Indian Burial Ground
- Author: Nick Medina
- Language: English
- Genre: Horror
- Publisher: Berkley Books
- Publication date: 16 Apr 2024
- Publication place: United States
- Pages: 384 (hardcover)
- ISBN: 9780593546888
- Preceded by: Sisters of the Lost Nation

= Indian Burial Ground (novel) =

2024 horror novel by Nick Medina

Indian Burial Ground is a 2024 horror novel by American author Nick Medina.

==Plot==

In the present day, Noemi lives on the Takoda reservation in Louisiana. Her boyfriend Roddy is killed after being struck by a car; it is unclear if this was a suicide or an accidental death. That day, Noemi's uncle Louie returns to the reservation for the first time since she was a child. Throughout the day, Louie discusses his reasons for returning and tells Noemi about the events of 1986.

In 1986, Louie is a teenager and in the previous years several tragedies took place at the reservation. A young man named Horace Saucier was rumored to have killed the entire Hensley family before he himself was murdered. Local legend links Horace to the Takoda Vampire, which frightens many of the young people on the reservation. Louie often babysits the young Noemi as well as a boy named Johnny. Louie's mother Mae is an alcoholic who is unable to parent effectively, but his Grandpa Joe is a stable role model. Louie is slowly growing apart from his childhood friend Jean-Luc, further complicating his life.

Three graves, including that of Horace Saucier, are desecrated. A local man named Aubrey dies. At his wake, Aubrey's body sits up and several mourners hear him speak. A woman named Miss Shelby disappears, and many suspect she fell into the river and drowned. Her son Ern is morbidly obese and homebound. Local townspeople begin to care for Ern. Ern teaches Louie about traditional Takoda myths during their conversations.
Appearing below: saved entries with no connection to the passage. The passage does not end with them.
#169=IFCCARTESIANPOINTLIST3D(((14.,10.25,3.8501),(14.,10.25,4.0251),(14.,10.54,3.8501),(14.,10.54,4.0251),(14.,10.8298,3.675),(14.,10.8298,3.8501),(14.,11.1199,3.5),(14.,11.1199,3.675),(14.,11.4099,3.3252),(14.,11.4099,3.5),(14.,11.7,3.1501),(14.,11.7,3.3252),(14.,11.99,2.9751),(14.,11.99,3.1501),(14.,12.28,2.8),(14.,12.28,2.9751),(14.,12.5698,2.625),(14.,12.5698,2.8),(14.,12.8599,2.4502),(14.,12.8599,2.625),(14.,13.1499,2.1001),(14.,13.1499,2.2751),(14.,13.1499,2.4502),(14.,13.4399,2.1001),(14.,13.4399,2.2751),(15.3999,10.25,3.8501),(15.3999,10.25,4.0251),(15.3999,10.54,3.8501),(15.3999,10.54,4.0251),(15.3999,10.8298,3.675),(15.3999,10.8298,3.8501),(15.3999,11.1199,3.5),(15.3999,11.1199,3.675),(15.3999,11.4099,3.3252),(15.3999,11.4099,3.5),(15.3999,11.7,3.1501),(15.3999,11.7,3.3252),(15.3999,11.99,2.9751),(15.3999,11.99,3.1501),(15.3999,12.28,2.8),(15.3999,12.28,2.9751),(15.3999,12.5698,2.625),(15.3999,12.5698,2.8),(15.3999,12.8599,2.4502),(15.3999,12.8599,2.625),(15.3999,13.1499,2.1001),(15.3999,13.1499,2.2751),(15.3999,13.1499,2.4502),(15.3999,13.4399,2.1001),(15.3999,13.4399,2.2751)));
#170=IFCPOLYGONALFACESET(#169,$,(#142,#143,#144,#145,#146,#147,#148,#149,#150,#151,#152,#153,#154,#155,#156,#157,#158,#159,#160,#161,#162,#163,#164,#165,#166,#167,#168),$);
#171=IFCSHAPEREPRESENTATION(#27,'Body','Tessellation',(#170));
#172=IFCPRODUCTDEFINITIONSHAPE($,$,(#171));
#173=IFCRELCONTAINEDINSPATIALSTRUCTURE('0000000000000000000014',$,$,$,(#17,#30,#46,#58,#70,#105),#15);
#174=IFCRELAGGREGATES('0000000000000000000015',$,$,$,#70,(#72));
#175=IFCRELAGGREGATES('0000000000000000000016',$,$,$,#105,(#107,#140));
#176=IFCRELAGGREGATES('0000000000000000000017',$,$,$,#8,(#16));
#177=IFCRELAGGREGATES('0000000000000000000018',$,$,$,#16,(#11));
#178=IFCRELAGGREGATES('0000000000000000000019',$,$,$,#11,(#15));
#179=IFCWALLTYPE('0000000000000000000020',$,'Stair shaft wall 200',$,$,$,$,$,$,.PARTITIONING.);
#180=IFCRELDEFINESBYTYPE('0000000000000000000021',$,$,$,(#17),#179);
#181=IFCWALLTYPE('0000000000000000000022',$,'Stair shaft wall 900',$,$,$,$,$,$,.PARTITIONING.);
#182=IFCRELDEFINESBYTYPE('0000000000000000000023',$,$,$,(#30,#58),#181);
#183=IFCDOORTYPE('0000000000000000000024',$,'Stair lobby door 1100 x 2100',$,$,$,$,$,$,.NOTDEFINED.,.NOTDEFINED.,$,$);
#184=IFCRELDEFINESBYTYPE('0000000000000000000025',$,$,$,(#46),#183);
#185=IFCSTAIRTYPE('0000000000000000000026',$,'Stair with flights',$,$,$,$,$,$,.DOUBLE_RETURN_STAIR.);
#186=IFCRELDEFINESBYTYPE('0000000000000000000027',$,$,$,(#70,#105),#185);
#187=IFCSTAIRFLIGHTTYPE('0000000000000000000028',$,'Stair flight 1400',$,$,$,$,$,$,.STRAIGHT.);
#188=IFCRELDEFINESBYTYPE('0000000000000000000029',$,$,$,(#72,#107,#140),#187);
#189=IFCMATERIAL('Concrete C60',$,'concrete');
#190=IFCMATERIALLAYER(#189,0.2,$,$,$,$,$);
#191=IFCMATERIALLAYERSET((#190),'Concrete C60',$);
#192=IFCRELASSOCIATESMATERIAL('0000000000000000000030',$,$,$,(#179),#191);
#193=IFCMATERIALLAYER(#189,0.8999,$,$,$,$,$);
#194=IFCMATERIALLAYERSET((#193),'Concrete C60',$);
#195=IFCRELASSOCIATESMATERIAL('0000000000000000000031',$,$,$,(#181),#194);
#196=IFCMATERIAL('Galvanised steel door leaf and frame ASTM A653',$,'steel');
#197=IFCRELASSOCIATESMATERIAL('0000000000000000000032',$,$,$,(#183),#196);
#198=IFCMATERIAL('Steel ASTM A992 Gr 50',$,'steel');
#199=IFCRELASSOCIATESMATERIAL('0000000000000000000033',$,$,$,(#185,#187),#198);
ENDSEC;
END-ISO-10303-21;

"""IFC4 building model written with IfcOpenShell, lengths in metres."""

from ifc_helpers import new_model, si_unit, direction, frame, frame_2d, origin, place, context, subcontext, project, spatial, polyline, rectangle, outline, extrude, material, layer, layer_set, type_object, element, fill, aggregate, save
An elderly woman drowns in a septic tank. Her body also sits upright at her wake, and Louie hears the corpse speak. Various dead animals including an armadillo and a woodpecker come back to life. Johnny runs away from Louie and Jean-Luc. Johnny falls into a burning trash pit and dies. At Johnny's wake, his mother Rosie attacks Louie. They knock the casket over. Johnny's corpse sits up and tells Louie “Noemi’s next.”

Louie discovers that Jean-Luc desecrated the graves, hoping to gain power from their spirits. Louie decides not to turn him in. Noemi is possessed by an evil spirit called the Meli Omahka, which is related to an alligator from the Takoda origin myth. She bites Louie and the spirit transfers to him. He becomes an alligator. Louie performs a traditional warrior dance and becomes human again.
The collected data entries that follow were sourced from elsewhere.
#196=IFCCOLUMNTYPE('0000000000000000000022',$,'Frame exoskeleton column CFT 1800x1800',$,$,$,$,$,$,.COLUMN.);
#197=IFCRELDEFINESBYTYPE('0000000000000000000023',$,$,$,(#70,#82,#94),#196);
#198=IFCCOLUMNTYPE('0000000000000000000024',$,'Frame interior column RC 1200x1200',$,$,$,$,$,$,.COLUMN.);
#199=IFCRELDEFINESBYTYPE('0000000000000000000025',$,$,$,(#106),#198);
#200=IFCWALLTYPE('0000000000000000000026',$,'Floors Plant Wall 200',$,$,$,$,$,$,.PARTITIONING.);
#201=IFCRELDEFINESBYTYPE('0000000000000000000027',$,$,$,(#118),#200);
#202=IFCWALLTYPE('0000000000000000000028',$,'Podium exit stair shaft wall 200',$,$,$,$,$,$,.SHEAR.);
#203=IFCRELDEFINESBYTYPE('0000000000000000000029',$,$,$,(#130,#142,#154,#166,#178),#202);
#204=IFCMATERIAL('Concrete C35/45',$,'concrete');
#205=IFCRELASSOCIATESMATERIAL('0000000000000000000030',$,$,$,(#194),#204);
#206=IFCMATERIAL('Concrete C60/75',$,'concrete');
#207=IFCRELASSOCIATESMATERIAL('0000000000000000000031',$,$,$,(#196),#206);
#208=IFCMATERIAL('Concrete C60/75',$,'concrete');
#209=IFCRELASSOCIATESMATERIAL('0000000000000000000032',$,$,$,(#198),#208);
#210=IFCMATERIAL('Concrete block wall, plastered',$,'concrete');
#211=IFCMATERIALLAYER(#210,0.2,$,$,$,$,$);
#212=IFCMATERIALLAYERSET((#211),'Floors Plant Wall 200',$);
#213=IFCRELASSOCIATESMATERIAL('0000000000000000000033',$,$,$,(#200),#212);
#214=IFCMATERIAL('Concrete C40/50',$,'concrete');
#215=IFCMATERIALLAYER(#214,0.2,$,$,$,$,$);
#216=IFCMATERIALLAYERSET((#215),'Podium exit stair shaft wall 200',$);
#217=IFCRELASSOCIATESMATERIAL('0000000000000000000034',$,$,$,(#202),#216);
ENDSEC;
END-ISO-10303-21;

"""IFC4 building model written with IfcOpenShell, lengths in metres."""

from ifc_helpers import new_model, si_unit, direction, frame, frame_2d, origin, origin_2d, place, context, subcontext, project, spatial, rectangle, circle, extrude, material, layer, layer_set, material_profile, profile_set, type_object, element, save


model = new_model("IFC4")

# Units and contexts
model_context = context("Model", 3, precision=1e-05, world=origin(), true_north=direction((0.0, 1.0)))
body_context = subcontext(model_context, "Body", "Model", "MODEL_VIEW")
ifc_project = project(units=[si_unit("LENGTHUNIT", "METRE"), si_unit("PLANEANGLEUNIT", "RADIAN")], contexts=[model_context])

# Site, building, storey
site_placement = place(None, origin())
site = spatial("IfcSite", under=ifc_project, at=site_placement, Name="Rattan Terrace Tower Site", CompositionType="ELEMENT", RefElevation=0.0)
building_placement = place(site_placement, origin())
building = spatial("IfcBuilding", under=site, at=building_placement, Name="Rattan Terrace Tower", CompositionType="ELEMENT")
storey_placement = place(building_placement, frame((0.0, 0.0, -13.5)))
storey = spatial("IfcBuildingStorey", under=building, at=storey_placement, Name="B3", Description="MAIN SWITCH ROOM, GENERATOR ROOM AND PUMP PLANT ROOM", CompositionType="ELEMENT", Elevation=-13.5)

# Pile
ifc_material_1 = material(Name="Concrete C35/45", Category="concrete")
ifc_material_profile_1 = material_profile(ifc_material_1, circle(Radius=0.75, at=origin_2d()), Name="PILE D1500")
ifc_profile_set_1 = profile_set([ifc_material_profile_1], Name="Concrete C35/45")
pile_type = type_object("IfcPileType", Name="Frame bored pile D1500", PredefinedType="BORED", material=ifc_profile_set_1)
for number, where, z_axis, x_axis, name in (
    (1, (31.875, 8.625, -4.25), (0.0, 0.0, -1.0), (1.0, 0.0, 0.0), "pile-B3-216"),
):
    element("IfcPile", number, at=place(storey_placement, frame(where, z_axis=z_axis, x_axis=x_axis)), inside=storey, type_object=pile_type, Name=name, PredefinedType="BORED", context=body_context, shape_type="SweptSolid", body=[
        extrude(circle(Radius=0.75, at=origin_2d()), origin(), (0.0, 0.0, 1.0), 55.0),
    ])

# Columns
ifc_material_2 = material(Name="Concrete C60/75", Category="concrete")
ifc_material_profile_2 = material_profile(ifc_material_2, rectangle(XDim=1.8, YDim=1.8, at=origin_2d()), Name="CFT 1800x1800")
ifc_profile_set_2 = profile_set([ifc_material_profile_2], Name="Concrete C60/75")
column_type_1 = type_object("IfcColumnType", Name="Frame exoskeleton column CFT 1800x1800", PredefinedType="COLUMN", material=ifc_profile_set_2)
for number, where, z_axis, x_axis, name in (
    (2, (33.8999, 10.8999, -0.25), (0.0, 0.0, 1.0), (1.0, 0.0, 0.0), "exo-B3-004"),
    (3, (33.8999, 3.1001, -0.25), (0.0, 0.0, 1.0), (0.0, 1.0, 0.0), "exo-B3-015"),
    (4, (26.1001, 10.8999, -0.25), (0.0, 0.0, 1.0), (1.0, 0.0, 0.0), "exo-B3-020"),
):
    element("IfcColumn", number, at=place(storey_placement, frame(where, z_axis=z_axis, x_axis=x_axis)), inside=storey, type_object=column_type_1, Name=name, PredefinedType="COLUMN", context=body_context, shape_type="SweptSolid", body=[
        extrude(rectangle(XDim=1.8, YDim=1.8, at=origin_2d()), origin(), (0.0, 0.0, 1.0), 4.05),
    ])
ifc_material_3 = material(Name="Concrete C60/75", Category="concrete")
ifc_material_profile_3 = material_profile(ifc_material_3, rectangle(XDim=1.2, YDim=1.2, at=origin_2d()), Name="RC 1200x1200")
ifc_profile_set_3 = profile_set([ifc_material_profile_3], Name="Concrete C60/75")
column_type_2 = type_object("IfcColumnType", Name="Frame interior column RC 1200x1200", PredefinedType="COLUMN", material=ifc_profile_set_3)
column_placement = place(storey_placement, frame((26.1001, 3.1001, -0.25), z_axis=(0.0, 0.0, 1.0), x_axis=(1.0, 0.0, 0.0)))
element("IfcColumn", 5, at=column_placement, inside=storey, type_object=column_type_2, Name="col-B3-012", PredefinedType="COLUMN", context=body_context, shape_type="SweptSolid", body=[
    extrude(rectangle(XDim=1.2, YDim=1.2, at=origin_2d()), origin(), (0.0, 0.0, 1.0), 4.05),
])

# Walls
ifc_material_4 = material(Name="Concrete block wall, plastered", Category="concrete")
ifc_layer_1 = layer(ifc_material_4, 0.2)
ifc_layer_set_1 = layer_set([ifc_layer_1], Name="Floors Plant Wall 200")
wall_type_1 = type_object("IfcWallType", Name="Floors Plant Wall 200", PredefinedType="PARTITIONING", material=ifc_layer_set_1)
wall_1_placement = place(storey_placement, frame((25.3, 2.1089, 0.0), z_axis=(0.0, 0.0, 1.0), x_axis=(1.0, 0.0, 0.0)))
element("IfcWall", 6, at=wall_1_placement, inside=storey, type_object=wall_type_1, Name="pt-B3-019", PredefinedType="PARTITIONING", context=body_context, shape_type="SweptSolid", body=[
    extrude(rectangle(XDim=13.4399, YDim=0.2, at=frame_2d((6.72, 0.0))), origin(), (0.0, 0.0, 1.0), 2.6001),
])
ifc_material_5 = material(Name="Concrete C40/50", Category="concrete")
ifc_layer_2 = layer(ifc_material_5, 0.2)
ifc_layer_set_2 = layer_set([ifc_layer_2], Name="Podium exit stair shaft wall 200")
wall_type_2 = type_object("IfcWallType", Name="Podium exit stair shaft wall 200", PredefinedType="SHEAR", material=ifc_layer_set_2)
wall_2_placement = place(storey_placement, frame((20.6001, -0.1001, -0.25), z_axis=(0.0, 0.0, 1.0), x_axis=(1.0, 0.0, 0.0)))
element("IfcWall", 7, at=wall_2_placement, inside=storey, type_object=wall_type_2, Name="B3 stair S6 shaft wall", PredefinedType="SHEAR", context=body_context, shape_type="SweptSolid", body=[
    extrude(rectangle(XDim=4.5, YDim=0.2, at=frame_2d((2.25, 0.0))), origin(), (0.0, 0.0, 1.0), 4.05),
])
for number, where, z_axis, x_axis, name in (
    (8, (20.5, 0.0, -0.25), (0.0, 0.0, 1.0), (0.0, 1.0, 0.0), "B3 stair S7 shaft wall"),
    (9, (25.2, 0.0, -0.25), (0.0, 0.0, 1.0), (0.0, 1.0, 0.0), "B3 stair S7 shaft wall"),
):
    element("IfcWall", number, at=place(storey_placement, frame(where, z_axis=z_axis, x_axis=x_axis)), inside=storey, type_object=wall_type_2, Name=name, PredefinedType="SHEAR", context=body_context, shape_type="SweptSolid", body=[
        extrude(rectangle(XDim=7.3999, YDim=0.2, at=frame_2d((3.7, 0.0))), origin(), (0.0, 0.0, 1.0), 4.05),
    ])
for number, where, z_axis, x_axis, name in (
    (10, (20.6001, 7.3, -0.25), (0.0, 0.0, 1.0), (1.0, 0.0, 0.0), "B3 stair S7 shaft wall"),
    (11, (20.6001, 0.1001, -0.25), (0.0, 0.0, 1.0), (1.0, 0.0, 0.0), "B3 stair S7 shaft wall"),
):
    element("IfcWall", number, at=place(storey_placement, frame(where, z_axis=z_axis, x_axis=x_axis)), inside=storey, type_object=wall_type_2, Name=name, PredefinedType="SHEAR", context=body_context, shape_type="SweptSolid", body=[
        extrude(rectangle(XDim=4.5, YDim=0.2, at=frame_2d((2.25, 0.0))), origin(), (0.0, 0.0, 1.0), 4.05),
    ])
Ern reveals that he killed the Hensleys, throwing the reservation out of balance and causing the Meli Omahka to appear. He allowed Horace to take the blame for the death of the Hensleys and then killed him. Finally, Ern killed his mother Shelby and hid her body. The Meli Omahka began possessing children, animals, and elderly people; Louie was the first victim to have enough strength to fight back effectively. Ern is arrested for his crimes.

Back in the present day, Noemi discusses Roddy's death with his sister Sara. She learns that Roddy was not taking his prescribed Zoloft and that his death may have truly been a suicide. Louie argues with Jean-Luc and Rosie, but eventually hopes that they can forgive each other. Louie and Noemi discuss their experiences with death and begin therapy. Louie decides that he may remain on the reservation.

==Background==

In an interview with The Nerd Daily, Medina discussed several inspirations for the story. He reported that an article from 2012 in which a toddler supposedly sat up in his coffin and spoke inspired a story that eventually became Indian Burial Ground. Medina was also inspired by the issues of alcoholism and suicide that are prominent issues with Native American communities.

==Reception==

A review by Jennifer Embree in Library Journal praised Medina's characters, stating that he "consistently manages to humanize his characters even as readers witness their most monstrous moments." The review concludes that the novel is "another atmospheric, unsettling, and downright eerie read that will keep readers guessing until the last page." Writing for Booklist, Becky Spratford stated that "the story moves fluidly between past and present, enhancing the unease and layering the dread, allowing readers to feel the reverberations of both horrible secrets and reservation life over time." Stratford stated the novel "entertains without shying away from a direct portrayal of the generational trauma experienced by marginalized people".

Maren Longbella of The Seattle Times notes that several 1980s horror films such as Pet Sematary utilize the trope of the "Indian burial ground" to generate scares, often without any Indigenous input. The title of Medina's novel "nods to the theme but signals the intent to make it his own".